To validate behavior, the test suite uses GoogleTest for unit tests across edge cases: zero/near-zero refill rates, large capacities, repeated allow calls under multi-threaded contention, and mock clocks that simulate time jumps. Thread safety tests involve concurrent producers hammering the same key and distinct keys; assertions verify that per-key invariants hold and that the sum of allowed requests does not exceed capacity plus refills in any window. This combination of invariants, mockable time, and sanitizer options (TSAN builds are supported where available) caught most bugs early, especially in the tricky interactions between refill math and lock scopes.

# Enable microbenchmarks (Google Benchmark)
cmake -S . -B build -G Ninja -DRL_BUILD_BENCH=ON -DCMAKE_BUILD_TYPE=Release
ninja -C build rl_bench
./build/rl_bench

On performance, the optional Google Benchmark suite provides apples-to-apples comparisons under different key distributions (uniform vs. hot-key) and thread counts. Example outputs on commodity CPUs have shown single-key checks on the order of hundreds of nanoseconds and multi-million operations per second when keys are well-distributed across shards (your numbers will vary by CPU and compiler flags). The goal isn’t to beat every specialized limiter but to be “fast enough” that the limiter itself isn’t the bottleneck for typical service rates. If you need more scale, you can increase shard count, pin shards to cores, or add batched check APIs to amortize lock acquisition.

From a usability standpoint, the library ships with a tiny CLI example so you can smoke-test behavior interactively. After building, run the CLI and type keys; you’ll see allowed/denied decisions with remaining tokens and reset times. This is handy for demos and for sanity-checking rate configurations before wiring them into a larger system. In real services, you’d place the limiter at ingress points like HTTP handlers, message consumers, or internal function calls that fence costly work.
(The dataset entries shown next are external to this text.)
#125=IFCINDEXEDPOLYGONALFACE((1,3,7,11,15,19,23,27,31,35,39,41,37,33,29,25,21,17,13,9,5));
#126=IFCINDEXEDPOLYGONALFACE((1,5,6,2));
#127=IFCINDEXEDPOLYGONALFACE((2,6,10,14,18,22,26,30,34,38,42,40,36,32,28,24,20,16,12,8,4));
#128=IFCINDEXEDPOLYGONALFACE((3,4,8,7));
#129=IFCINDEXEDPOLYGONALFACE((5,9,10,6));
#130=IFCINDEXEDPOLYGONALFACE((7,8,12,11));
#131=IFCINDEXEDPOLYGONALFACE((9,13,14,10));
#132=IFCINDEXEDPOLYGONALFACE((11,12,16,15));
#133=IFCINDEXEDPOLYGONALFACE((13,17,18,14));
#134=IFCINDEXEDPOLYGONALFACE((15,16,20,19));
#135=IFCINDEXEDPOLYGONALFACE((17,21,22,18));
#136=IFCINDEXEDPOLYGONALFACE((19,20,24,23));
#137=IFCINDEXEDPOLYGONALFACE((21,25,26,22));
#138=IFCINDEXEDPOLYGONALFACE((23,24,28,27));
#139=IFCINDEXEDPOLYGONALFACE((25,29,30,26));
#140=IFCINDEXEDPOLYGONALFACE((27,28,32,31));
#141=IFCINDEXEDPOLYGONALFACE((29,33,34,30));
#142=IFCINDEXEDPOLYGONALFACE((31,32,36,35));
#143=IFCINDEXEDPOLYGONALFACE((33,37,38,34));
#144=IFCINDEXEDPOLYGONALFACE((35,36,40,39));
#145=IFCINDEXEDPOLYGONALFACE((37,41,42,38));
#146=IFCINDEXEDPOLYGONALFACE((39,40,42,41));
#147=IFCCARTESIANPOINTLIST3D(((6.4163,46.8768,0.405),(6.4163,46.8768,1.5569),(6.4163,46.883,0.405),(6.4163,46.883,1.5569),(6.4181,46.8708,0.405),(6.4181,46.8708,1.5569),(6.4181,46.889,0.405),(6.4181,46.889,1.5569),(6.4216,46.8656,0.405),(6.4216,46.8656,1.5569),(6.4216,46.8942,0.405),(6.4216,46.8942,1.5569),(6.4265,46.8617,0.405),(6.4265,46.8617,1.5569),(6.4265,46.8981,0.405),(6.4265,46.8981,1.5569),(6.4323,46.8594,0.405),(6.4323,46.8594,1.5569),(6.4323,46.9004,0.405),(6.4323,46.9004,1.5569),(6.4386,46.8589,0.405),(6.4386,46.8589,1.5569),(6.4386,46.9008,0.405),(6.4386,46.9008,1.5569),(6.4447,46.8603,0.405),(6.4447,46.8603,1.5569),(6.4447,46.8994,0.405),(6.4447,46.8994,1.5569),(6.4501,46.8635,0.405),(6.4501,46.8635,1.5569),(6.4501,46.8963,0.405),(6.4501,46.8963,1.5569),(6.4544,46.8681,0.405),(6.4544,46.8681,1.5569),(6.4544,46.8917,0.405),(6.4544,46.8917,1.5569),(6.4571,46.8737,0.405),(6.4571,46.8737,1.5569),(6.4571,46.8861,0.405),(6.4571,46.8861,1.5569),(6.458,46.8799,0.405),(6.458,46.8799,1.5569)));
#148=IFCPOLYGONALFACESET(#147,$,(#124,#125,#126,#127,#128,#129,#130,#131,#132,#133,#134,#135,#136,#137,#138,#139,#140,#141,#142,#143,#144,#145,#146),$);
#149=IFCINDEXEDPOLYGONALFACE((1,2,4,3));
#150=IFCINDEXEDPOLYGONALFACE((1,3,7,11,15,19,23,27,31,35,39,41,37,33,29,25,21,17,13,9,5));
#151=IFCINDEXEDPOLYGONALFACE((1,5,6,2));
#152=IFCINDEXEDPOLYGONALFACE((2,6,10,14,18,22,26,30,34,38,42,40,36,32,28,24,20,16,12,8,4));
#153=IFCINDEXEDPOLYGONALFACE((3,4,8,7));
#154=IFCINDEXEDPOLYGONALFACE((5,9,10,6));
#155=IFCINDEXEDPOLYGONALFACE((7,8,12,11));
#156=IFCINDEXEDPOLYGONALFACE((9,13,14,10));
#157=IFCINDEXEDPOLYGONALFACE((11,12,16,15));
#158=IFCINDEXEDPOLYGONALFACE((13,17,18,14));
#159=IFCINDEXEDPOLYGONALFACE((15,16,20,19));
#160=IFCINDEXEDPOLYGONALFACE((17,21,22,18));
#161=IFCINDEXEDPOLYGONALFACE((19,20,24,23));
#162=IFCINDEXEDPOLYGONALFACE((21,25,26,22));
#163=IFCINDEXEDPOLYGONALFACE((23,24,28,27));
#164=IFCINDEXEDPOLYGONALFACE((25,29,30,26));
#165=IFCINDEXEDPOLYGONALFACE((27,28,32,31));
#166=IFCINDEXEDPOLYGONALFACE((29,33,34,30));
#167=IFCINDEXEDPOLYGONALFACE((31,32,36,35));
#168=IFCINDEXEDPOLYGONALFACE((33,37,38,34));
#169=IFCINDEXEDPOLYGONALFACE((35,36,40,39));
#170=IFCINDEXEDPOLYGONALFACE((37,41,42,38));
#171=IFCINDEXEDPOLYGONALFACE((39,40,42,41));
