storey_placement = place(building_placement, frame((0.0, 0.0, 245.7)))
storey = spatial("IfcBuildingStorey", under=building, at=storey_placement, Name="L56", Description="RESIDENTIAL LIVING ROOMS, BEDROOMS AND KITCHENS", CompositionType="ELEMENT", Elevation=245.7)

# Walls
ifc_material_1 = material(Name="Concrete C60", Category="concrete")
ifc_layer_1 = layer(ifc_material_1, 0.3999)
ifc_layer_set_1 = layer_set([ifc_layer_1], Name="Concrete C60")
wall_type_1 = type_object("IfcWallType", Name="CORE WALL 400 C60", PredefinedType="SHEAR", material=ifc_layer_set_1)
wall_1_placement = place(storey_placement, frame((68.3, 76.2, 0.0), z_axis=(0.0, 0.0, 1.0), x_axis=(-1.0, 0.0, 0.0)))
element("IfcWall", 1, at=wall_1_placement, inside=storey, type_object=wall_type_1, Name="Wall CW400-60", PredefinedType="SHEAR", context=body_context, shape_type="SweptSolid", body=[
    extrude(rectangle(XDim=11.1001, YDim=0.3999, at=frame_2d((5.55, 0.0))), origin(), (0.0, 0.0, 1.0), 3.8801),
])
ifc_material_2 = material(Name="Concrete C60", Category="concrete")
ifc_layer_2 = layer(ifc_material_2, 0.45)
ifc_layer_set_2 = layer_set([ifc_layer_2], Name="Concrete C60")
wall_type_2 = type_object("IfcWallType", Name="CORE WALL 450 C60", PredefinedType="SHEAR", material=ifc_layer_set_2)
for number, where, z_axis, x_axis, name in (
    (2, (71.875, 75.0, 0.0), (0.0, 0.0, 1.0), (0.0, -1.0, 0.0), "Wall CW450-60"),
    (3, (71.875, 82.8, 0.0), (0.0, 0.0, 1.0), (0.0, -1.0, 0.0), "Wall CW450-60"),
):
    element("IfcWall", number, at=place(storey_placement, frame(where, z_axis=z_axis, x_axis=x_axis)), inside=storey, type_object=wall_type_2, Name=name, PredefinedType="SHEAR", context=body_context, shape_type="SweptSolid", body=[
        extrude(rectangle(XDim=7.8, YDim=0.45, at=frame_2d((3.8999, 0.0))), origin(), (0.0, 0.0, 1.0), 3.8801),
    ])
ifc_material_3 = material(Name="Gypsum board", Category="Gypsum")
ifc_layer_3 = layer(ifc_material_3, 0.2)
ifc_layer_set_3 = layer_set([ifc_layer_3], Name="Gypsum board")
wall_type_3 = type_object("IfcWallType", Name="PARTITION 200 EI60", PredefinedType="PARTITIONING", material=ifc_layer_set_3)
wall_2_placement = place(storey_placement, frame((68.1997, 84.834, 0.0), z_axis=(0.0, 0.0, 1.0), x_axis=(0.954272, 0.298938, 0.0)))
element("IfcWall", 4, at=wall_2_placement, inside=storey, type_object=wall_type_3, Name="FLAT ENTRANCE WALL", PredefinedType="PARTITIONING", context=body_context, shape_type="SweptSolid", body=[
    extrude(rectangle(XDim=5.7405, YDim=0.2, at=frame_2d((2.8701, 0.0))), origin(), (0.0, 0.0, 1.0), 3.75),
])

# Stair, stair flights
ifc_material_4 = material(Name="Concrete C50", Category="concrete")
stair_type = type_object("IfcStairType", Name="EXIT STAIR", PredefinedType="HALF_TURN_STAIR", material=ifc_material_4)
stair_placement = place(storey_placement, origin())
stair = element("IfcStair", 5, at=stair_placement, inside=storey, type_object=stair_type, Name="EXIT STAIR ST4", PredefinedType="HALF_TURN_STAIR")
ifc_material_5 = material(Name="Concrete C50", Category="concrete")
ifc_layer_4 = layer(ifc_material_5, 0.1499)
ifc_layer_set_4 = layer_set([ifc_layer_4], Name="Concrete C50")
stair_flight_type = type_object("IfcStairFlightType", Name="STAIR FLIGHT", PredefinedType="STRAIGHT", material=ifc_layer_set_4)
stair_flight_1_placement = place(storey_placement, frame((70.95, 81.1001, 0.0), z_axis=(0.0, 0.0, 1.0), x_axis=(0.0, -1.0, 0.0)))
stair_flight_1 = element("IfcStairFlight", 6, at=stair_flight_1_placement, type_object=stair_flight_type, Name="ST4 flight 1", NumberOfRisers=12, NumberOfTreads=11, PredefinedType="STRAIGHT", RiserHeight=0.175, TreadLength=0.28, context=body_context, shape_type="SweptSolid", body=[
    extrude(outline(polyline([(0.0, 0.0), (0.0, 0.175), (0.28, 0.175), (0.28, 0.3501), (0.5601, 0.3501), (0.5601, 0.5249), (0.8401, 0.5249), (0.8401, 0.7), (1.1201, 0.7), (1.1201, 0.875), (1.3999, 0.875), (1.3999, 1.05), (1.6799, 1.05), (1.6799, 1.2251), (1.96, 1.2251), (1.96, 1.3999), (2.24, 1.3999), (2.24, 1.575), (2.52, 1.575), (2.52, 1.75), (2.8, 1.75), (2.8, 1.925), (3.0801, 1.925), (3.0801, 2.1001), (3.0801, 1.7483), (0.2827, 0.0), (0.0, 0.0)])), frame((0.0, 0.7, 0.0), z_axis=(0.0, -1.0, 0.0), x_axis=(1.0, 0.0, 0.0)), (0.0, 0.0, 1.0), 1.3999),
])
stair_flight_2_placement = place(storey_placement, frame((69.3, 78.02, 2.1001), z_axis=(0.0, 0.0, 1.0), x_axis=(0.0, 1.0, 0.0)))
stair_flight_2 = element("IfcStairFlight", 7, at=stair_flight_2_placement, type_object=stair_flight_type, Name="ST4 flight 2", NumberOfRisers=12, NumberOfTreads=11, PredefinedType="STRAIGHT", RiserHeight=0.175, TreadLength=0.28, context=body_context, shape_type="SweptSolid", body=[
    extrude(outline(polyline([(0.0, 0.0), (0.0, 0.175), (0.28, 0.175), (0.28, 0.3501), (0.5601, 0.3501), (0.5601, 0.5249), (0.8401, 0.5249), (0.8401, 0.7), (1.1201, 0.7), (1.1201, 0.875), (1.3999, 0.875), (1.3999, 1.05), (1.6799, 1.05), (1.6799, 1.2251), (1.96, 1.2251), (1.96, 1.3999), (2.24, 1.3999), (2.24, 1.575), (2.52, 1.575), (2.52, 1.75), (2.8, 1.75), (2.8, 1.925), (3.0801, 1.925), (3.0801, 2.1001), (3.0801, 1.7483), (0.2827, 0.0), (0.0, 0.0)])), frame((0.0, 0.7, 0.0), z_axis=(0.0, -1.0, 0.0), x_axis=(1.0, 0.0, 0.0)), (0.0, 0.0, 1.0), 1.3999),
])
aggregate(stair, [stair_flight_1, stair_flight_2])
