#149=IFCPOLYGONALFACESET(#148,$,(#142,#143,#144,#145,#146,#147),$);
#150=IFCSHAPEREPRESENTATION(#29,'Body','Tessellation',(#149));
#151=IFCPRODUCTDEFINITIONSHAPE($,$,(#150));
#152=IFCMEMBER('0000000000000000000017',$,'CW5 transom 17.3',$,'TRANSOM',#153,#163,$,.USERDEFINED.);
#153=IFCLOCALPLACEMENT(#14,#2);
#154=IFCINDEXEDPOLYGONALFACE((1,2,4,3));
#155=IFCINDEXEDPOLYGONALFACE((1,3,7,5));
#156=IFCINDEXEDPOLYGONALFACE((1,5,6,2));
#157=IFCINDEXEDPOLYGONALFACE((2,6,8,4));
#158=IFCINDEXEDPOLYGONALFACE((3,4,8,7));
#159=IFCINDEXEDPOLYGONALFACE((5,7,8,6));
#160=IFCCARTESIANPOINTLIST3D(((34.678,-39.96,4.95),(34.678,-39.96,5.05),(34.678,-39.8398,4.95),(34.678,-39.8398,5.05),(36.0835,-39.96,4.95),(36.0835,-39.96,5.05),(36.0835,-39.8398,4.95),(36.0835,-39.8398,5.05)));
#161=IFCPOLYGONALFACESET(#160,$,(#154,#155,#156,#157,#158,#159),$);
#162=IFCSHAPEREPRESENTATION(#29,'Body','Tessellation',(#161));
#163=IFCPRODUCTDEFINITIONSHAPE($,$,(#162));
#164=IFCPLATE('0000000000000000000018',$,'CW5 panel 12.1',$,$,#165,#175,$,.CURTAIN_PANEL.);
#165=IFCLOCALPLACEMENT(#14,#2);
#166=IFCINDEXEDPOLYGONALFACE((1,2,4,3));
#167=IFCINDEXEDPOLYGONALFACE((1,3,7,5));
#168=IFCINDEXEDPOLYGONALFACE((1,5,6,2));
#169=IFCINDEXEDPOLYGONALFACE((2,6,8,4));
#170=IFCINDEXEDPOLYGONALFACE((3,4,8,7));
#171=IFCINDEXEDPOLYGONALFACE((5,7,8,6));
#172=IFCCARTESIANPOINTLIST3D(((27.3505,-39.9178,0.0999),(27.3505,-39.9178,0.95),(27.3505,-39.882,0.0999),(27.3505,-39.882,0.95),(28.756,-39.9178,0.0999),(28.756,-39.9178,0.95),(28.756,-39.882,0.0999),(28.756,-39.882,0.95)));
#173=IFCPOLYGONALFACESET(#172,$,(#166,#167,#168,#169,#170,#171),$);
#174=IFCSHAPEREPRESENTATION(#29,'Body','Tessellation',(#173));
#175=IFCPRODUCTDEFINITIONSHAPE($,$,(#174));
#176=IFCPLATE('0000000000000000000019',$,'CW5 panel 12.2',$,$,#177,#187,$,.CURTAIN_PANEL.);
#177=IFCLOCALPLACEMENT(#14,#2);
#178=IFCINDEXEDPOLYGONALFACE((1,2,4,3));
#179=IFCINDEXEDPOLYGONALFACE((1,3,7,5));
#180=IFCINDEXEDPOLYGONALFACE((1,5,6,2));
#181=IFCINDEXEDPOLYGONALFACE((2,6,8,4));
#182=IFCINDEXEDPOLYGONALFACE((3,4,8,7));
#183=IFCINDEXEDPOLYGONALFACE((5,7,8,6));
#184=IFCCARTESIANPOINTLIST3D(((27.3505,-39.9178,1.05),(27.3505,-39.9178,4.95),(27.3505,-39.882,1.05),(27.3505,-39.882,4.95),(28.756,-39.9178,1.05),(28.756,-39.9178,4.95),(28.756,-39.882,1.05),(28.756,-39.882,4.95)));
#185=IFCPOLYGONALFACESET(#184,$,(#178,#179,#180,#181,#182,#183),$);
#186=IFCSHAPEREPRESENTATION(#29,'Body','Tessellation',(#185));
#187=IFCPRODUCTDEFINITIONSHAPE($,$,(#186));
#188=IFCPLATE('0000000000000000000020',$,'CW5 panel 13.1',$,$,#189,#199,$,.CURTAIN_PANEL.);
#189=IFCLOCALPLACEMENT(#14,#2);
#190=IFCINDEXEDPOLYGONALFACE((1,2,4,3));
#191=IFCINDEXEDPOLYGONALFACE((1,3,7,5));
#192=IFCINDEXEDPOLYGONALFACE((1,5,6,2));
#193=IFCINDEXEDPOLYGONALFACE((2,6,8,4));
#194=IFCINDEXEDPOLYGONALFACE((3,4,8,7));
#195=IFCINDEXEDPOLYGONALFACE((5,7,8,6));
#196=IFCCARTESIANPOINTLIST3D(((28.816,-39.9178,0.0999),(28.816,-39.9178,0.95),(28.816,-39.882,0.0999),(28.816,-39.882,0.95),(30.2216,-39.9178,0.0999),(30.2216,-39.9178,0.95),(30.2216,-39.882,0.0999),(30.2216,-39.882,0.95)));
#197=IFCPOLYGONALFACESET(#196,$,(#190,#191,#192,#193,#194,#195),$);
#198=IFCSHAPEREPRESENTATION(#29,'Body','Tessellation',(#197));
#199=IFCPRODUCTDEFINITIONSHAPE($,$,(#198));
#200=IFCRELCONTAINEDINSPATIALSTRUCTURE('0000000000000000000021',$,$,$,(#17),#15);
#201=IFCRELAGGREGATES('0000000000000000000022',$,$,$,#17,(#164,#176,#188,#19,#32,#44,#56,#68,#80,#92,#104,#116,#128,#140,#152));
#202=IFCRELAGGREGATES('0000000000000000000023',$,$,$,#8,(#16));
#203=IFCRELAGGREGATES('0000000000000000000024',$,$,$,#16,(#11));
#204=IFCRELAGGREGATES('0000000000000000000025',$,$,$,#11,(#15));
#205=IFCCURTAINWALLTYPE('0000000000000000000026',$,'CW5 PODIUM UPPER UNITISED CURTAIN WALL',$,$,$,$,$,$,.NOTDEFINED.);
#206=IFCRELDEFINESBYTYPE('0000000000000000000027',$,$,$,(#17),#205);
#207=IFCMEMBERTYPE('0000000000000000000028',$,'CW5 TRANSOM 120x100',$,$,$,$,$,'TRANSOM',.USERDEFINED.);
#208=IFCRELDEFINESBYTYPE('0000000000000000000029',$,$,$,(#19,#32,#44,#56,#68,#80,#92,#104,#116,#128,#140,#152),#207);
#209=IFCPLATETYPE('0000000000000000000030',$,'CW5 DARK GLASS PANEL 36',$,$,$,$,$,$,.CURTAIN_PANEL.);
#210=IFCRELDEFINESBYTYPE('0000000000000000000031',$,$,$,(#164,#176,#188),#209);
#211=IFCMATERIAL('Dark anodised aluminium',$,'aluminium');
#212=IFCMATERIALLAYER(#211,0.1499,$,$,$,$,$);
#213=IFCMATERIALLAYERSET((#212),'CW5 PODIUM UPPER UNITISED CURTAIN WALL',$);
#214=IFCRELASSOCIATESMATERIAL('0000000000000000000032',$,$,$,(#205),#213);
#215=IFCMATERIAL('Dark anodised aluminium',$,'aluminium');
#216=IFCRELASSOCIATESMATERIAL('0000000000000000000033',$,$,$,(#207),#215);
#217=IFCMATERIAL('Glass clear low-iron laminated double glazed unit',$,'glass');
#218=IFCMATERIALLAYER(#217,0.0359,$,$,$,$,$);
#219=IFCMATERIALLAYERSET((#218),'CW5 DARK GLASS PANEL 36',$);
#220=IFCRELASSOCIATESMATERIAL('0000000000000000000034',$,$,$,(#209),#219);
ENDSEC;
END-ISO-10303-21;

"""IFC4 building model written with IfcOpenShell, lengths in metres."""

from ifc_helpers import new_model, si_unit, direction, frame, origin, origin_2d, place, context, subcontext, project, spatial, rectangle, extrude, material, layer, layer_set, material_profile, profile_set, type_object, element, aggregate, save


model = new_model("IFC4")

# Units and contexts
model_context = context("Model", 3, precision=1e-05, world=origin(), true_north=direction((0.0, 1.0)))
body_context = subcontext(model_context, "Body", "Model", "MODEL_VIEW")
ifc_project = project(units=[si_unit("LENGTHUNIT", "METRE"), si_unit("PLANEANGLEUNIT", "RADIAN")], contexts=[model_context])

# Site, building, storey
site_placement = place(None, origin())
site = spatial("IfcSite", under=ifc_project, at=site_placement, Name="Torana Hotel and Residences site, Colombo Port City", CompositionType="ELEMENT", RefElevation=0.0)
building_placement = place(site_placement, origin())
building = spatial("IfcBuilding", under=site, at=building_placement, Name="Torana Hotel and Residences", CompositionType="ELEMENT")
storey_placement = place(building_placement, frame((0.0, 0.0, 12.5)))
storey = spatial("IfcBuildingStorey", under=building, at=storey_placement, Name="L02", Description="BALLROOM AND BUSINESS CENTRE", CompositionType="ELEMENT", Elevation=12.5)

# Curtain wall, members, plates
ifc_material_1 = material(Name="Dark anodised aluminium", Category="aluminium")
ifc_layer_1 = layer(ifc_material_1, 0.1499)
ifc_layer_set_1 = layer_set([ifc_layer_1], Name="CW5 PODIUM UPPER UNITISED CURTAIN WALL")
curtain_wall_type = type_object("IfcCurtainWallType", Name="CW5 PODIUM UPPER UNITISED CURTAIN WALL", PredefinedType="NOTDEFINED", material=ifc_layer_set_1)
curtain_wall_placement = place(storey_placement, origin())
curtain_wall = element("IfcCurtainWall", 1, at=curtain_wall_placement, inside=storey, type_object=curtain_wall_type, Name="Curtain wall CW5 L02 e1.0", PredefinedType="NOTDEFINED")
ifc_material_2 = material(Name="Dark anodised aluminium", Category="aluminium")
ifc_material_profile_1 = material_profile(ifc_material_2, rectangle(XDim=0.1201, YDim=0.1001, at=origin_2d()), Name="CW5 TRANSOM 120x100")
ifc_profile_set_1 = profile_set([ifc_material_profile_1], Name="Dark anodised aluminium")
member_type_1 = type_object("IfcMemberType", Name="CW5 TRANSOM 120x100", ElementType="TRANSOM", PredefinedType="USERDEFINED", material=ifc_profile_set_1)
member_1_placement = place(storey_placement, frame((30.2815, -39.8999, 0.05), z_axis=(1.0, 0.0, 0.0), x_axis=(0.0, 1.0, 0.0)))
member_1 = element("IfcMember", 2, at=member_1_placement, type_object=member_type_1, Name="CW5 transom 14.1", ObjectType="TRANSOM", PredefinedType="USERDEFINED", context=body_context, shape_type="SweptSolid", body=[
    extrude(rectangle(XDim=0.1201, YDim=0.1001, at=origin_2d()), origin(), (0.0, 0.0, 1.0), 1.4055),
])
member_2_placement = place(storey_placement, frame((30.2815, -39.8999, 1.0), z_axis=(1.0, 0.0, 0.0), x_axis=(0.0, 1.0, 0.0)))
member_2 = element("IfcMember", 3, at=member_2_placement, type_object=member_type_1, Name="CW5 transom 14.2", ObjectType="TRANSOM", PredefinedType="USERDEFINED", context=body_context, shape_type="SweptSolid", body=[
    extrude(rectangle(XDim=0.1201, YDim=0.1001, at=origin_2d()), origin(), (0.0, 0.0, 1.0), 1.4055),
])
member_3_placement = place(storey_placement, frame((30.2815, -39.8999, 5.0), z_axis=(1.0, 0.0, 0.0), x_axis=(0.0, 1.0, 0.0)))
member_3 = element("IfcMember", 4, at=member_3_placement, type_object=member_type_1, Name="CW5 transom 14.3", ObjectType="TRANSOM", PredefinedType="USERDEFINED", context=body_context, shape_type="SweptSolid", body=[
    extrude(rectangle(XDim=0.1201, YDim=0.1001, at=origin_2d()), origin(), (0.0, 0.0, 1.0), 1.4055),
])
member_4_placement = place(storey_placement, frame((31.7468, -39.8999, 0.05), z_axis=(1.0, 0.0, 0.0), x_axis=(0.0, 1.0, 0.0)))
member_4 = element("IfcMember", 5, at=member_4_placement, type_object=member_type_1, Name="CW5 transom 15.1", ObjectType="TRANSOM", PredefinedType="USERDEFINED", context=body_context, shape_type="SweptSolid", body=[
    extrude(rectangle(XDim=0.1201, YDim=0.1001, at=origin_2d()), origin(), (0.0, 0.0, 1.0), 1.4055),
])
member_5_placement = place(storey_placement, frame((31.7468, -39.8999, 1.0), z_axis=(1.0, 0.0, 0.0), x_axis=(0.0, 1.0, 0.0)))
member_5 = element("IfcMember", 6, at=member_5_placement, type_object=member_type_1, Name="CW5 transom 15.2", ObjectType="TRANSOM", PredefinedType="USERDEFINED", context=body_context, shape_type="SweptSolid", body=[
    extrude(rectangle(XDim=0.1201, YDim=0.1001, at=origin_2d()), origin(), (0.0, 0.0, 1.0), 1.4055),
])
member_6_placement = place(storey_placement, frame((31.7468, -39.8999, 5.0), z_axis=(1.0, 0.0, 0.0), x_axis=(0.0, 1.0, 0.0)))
Because the API is in-process and lock scopes are tight, the end-to-end overhead on the allow path is small.

# Example CLI usage
./build/rl_cli
Enter keys (Ctrl+D to exit). Using capacity=10, refill=5/s
foo
foo -> allowed=yes remaining=9 reset_ms=0

# Or pipe input:
yes foo | head -n 15 | ./build/rl_cli

Building a portable C++ library always brings cross-platform challenges. The biggest were symbol visibility and Windows DLL semantics. Hiding all symbols by default and explicitly exporting the public API via `RL_API` keeps the ABI stable and avoids accidental leaks that break consumers later. On Windows, the install step lays out both import libraries and DLLs; the README documents that `bin` must be on `PATH` at runtime. Another challenge was picking the right lock strategy: shared locks speed the read path, but you must still ensure fairness for writers under hot keys. Finally, refill precision required careful thought: wall-clock jumps, timer granularity, and integer rounding can compound into surprising behavior. The fixed-point math and mockable clock address those concerns without sacrificing speed.

There’s plenty of room for extension. A sliding-window or leaky-bucket variant could complement token bucket for different semantics (e.g., hard caps per window). Batched APIs could lower contention under hot keys by checking multiple keys in a single shard lock scope. A background refiller could reduce work done on the allow call at the cost of periodic maintenance. And the JNI bridge can be promoted into a first-class deliverable for JVM users. But even in its current form, the library is a practical, well-packaged building block: small surface area, predictable performance, and the right hooks for tests and ops. That combination makes it easy to adopt and even easier to explain during an interview or a code review.